Remember that worksheets are just views on the underlying bundle graph, and the lines that look like [run sort-run ...] are just pointers to a bundle. Therefore, you can re-order, remove, duplicate the bundles in the worksheet, and even move/copy bundles across worksheets as easily as text editing. Note that deleting a reference to a bundle does not actually delete the bundle; it merely detaches it.

Step 4: Finding / browsing content in CodaLab

One of the benefits of CodaLab is it provides a global ecosystem for sharing code, data, and results. That is, once someone puts their content in CodaLab, anyone else can find and build on top of it easily.

Click on Public Home on navigation bar to see the list of executable papers, datasets in CodaLab. Click on My Dashboard to see your own bundles and worksheets.

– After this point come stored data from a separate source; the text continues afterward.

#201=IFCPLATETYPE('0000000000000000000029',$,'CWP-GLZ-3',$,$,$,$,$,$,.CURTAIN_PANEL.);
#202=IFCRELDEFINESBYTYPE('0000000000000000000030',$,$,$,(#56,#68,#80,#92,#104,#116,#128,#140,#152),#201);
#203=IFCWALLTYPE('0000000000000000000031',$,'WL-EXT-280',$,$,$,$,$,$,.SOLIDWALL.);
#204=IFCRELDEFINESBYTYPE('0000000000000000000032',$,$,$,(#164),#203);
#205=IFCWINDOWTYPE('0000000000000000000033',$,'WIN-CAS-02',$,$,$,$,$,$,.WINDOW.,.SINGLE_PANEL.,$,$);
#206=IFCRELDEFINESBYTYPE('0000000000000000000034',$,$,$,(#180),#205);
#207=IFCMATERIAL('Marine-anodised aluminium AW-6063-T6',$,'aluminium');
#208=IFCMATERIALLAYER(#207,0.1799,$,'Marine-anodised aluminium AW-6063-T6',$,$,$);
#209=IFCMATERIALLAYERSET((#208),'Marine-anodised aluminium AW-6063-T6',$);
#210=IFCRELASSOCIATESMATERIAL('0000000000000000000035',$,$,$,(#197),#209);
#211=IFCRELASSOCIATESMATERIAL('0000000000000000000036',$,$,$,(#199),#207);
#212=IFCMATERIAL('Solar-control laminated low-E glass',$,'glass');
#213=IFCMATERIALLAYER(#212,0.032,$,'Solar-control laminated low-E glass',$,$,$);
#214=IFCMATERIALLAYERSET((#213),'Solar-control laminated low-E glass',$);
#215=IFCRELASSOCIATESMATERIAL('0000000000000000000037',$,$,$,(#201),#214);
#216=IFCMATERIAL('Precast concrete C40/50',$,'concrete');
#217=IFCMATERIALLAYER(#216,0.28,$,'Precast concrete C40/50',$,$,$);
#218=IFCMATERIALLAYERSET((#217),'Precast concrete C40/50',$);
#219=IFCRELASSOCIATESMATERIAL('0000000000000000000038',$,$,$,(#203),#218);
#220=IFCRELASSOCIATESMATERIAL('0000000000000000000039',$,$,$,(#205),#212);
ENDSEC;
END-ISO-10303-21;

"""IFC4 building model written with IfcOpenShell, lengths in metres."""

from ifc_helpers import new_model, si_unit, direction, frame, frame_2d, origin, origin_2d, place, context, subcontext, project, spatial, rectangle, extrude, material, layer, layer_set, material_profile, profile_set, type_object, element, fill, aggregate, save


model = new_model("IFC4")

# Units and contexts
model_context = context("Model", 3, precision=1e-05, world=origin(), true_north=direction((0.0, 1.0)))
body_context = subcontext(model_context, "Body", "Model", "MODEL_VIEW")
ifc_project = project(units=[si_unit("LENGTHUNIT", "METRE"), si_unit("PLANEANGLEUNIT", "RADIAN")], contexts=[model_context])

You can search for bundles and worksheets using keywords. Click on the web terminal (the CodaLab> prompt) at the top of the screen and type in a command for finding bundles:

search <bundle keywords>                    # General form
search mnist                                # Find all bundles matching "mnist"
search .mine .limit=20 created=.sort-       # List your most recent bundles
search .mine .floating                      # List your bundles not on any worksheet
search .last                                # List the latest bundles

and finding worksheets:

wsearch <worksheet keywords>                # General form
wsearch acl2016                             # Find all worksheets matching "acl2016"

Look at the CLI reference for more information.

Summary

Congratulations - you have successfully used CodaLab to upload a program, a dataset, and performed a run! In practice, you might have more complex workflows, running commands to preprocess the data, running algorithms with different settings, using CodaLab to manage your runs. If you prefer working from the shell, check out the command-line interface (CLI). CodaLab markdown is a powerful way to create worksheets that document your experiments, either for a private research log or a public executable paper. There are many possibilities!